Rep. Adam Schiff Defends House Intelligence Committee

Rep. Adam Schiff, D-Calif., ranking member of the House Intelligence Committee, meets with reporters to discuss the process for investigating whether or how Russia influenced the presidential election, Monday, Feb. 27, 2017, on Capitol Hill in Washington. House Intelligence Chairman Rep. Devin Nunes said earlier that Congress should not begin a McCarthy-style investigation based on news reports that a few Americans with ties to President Donald Trump had contacted Russians during the 2016 presidential campaign. (AP Photo/J. Scott Applewhite)

Despite denials from some top intelligence officials that there was any evidence of collusion between associates of Donald Trump’s presidential campaign and Russian operatives while Moscow tried to interfere with the 2016 election, Rep. Adam Schiff on Sunday defended the House Intelligence Committee continuing to look into the matter.

Two weeks ago on “Meet The Press,” James Clapper, the Director of National Intelligence under President Obama, denied that any evidence of such collusion existed while he oversaw the work of U.S. intelligence agencies. The Trump administration has also reiterated those denials.

 

 

But this Sunday on “Meet The Press,” Schiff, D-Calif., told host Chuck Todd, “I was surprised to see Director Clapper say that because I don’t think you can make that claim categorically as he did. I would characterize it this way at the outset of the investigation: There is circumstantial evidence of collusion.

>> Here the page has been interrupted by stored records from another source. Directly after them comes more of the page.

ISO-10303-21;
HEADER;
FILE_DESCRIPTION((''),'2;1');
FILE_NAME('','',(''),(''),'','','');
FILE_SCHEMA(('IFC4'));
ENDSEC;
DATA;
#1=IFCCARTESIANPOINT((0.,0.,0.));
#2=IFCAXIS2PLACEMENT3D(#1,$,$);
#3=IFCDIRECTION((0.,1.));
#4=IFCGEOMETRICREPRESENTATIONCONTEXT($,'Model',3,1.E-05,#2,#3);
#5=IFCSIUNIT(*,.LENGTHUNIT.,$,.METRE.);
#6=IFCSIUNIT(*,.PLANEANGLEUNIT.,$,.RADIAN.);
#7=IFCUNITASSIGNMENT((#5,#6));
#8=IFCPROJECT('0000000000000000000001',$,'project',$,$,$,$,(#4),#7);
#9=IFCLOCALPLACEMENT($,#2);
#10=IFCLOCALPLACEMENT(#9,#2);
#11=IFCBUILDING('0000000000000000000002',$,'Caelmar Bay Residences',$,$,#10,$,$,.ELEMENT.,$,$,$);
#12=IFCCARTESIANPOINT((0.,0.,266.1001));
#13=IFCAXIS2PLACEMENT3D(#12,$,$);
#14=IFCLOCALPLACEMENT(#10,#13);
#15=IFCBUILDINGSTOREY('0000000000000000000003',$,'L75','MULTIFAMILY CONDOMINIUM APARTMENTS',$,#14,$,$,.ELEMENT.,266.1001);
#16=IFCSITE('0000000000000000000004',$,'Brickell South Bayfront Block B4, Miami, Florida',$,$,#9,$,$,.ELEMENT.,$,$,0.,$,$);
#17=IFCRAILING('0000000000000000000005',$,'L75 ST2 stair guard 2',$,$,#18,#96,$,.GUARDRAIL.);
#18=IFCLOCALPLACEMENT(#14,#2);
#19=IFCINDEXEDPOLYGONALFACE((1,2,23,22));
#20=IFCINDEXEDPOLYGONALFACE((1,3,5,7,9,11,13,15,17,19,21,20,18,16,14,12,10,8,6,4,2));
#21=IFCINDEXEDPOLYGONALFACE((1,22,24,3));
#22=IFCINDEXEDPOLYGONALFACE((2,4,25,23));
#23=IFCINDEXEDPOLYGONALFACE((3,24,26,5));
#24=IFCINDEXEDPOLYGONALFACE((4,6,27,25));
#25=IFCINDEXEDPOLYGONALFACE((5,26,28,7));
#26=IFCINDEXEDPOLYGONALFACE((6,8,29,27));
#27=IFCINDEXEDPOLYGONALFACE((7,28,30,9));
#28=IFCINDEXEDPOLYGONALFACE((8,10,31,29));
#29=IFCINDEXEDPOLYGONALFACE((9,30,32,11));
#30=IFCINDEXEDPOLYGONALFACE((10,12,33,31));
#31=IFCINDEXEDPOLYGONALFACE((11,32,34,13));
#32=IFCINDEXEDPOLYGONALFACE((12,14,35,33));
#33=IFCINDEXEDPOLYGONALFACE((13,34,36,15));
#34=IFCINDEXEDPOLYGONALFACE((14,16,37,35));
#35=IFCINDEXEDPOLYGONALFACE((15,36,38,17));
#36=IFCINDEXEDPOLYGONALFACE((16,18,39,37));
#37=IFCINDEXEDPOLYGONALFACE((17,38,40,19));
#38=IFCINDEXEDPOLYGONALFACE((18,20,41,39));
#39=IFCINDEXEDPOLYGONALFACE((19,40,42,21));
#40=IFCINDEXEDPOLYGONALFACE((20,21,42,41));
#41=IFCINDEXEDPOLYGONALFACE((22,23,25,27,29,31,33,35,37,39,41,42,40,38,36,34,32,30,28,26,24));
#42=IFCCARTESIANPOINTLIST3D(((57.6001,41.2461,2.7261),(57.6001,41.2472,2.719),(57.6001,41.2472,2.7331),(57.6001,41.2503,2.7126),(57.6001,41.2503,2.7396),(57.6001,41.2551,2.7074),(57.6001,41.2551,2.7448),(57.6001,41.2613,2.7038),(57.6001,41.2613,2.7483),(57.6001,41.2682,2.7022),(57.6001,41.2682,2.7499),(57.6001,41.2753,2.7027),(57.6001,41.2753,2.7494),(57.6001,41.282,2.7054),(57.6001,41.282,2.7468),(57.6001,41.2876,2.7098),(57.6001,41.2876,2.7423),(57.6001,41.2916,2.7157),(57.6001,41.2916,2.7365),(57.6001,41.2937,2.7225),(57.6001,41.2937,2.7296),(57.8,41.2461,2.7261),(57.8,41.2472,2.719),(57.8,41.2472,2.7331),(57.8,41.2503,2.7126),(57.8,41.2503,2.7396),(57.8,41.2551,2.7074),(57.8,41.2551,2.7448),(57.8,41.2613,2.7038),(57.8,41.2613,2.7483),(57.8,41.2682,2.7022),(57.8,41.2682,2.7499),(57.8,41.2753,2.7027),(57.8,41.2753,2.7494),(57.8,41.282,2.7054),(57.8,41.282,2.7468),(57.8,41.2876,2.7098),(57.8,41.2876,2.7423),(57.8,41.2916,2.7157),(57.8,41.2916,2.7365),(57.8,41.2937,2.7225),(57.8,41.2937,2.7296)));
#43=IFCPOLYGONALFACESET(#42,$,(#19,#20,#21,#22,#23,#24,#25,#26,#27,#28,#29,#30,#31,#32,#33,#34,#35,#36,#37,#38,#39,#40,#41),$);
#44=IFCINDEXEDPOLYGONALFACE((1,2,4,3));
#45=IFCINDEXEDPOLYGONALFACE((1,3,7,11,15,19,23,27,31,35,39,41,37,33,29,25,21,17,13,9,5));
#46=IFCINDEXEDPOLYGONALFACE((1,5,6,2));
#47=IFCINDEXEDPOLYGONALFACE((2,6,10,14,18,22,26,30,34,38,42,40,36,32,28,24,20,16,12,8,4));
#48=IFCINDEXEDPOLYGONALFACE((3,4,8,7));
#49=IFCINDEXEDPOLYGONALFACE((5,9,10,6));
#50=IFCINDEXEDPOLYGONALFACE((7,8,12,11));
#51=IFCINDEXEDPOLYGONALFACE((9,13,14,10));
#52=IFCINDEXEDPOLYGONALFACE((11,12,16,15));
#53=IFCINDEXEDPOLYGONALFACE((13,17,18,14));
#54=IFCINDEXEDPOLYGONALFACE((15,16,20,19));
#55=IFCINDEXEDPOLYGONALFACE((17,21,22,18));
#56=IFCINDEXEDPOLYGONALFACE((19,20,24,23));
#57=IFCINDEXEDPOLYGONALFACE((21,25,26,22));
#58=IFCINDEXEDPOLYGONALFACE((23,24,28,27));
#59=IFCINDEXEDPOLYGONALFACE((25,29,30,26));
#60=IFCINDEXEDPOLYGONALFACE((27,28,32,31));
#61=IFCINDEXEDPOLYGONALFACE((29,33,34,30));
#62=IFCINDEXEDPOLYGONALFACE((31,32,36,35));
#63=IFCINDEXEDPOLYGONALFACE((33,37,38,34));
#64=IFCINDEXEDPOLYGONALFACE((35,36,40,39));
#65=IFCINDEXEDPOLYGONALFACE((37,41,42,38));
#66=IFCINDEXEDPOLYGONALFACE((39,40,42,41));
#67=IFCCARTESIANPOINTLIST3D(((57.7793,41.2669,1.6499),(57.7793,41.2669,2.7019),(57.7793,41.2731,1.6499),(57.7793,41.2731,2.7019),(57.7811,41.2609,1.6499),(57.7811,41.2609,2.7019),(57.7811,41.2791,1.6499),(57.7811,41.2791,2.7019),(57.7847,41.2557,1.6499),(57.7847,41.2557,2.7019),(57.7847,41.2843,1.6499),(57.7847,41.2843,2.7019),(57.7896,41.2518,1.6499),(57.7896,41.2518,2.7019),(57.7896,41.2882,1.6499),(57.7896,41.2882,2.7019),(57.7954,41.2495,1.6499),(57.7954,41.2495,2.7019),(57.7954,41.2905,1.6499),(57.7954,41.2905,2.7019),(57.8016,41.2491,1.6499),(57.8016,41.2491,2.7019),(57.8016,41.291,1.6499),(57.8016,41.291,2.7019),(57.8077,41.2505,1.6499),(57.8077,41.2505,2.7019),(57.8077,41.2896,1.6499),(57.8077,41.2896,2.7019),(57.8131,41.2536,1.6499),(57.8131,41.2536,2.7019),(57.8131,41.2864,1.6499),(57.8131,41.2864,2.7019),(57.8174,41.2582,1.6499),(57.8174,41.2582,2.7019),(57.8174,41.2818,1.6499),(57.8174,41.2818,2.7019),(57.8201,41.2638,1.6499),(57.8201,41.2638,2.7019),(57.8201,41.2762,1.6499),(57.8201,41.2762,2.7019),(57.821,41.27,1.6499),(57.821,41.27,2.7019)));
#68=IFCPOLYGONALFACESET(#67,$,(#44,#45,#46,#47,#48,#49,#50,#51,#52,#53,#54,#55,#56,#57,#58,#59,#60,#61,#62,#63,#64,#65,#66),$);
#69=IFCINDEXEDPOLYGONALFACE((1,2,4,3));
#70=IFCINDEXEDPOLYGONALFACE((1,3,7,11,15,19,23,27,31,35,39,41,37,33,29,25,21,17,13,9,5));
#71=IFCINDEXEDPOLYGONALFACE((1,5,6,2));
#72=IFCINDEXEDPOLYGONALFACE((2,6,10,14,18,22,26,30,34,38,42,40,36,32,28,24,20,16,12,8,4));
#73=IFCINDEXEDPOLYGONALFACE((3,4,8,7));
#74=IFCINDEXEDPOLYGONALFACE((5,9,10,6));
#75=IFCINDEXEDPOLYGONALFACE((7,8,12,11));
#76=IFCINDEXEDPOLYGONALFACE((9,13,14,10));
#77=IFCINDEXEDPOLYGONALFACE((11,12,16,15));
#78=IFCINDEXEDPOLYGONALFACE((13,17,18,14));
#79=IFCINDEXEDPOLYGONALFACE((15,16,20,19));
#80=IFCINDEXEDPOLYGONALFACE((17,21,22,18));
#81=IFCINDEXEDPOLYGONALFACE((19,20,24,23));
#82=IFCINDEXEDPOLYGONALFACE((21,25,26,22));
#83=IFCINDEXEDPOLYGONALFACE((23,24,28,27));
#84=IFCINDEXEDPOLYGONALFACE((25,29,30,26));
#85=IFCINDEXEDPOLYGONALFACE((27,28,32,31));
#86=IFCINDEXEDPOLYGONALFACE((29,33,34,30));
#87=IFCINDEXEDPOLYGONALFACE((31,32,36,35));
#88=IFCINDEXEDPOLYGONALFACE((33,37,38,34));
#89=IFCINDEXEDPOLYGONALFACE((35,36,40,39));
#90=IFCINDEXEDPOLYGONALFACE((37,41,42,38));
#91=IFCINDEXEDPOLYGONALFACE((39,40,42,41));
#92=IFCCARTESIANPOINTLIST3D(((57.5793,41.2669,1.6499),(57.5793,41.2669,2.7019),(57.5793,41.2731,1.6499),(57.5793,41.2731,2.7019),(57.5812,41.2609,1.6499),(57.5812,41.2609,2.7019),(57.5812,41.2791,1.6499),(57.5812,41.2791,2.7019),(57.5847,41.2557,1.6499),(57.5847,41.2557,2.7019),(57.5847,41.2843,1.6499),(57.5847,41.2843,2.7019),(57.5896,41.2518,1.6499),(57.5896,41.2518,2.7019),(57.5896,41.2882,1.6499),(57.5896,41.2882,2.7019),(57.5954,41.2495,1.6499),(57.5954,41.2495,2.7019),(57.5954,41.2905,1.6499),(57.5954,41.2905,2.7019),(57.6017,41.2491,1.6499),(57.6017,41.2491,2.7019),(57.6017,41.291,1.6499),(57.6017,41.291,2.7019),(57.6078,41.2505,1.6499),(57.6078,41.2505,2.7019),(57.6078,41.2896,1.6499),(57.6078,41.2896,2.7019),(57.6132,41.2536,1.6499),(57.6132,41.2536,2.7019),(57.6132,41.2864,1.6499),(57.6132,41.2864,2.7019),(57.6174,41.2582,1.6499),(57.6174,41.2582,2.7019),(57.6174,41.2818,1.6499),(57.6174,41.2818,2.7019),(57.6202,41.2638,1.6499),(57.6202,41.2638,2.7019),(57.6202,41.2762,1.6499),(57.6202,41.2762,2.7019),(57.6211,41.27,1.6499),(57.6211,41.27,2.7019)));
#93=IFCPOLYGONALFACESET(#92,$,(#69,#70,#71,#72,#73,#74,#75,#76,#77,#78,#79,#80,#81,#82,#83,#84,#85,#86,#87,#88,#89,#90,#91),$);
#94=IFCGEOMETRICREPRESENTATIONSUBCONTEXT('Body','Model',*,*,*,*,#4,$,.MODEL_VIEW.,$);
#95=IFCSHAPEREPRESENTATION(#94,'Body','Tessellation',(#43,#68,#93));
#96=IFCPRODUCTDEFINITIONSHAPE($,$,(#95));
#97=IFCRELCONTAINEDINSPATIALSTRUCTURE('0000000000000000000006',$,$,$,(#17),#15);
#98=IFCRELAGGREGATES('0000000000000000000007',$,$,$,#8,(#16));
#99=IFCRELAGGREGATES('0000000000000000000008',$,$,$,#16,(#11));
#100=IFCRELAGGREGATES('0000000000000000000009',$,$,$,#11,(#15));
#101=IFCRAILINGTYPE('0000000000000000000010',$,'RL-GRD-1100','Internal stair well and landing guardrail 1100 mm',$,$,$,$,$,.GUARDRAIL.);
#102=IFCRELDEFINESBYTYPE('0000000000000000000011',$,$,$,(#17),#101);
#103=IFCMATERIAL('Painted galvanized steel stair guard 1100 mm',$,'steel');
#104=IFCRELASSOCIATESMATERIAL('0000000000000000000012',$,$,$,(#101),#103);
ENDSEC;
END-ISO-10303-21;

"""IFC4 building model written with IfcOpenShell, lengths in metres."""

from ifc_helpers import new_model, si_unit, direction, frame, origin, origin_2d, place, context, subcontext, project, spatial, circle, extrude, material, type_object, element, save


model = new_model("IFC4")

# Units and contexts
model_context = context("Model", 3, precision=1e-05, world=origin(), true_north=direction((0.0, 1.0)))
body_context = subcontext(model_context, "Body", "Model", "MODEL_VIEW")
ifc_project = project(units=[si_unit("LENGTHUNIT", "METRE"), si_unit("PLANEANGLEUNIT", "RADIAN")], contexts=[model_context])

# Site, building, storey
site_placement = place(None, origin())
site = spatial("IfcSite", under=ifc_project, at=site_placement, Name="Brickell South Bayfront Block B4, Miami, Florida", CompositionType="ELEMENT", RefElevation=0.0)
building_placement = place(site_placement, origin())
building = spatial("IfcBuilding", under=site, at=building_placement, Name="Caelmar Bay Residences", CompositionType="ELEMENT")
storey_placement = place(building_placement, frame((0.0, 0.0, 266.1001)))
storey = spatial("IfcBuildingStorey", under=building, at=storey_placement, Name="L75", Description="MULTIFAMILY CONDOMINIUM APARTMENTS", CompositionType="ELEMENT", Elevation=266.1001)

# Railing
ifc_material_1 = material(Name="Painted galvanized steel stair guard 1100 mm", Category="steel")
railing_type_1 = type_object("IfcRailingType", Name="RL-GRD-1100", Description="Internal stair well and landing guardrail 1100 mm", PredefinedType="GUARDRAIL", material=ifc_material_1)
railing_1_placement = place(storey_placement, frame((57.8, 41.27, 1.6499)))
element("IfcRailing", 1, at=railing_1_placement, inside=storey, type_object=railing_type_1, Name="L75 ST2 stair guard 2", PredefinedType="GUARDRAIL", context=body_context, shape_type="SweptSolid", body=[
    extrude(circle(Radius=0.0239, at=origin_2d()), frame((0.0, 0.0, 1.0762), z_axis=(-1.0, 0.0, 0.0), x_axis=(0.0, -1.0, 0.0)), (0.0, 0.0, 1.0), 0.2),
    extrude(circle(Radius=0.021, at=origin_2d()), origin(), (0.0, 0.0, 1.0), 1.052),
    extrude(circle(Radius=0.021, at=origin_2d()), frame((-0.2, 0.0, 0.0)), (0.0, 0.0, 1.0), 1.052),
])

save(model, "model.ifc")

There is direct evidence, I think, of deception and that’s where we begin the investigation.”

 

 

Schiff is the ranking Democratic member on the House Permanent Select Committee on Intelligence. “There is certainly enough for us to conduct an investigation,” he added. “The American people have a right to know and in order to defend ourselves, we need to know whether the circumstantial evidence of collusion and direct evidence of deception is indicative of more.”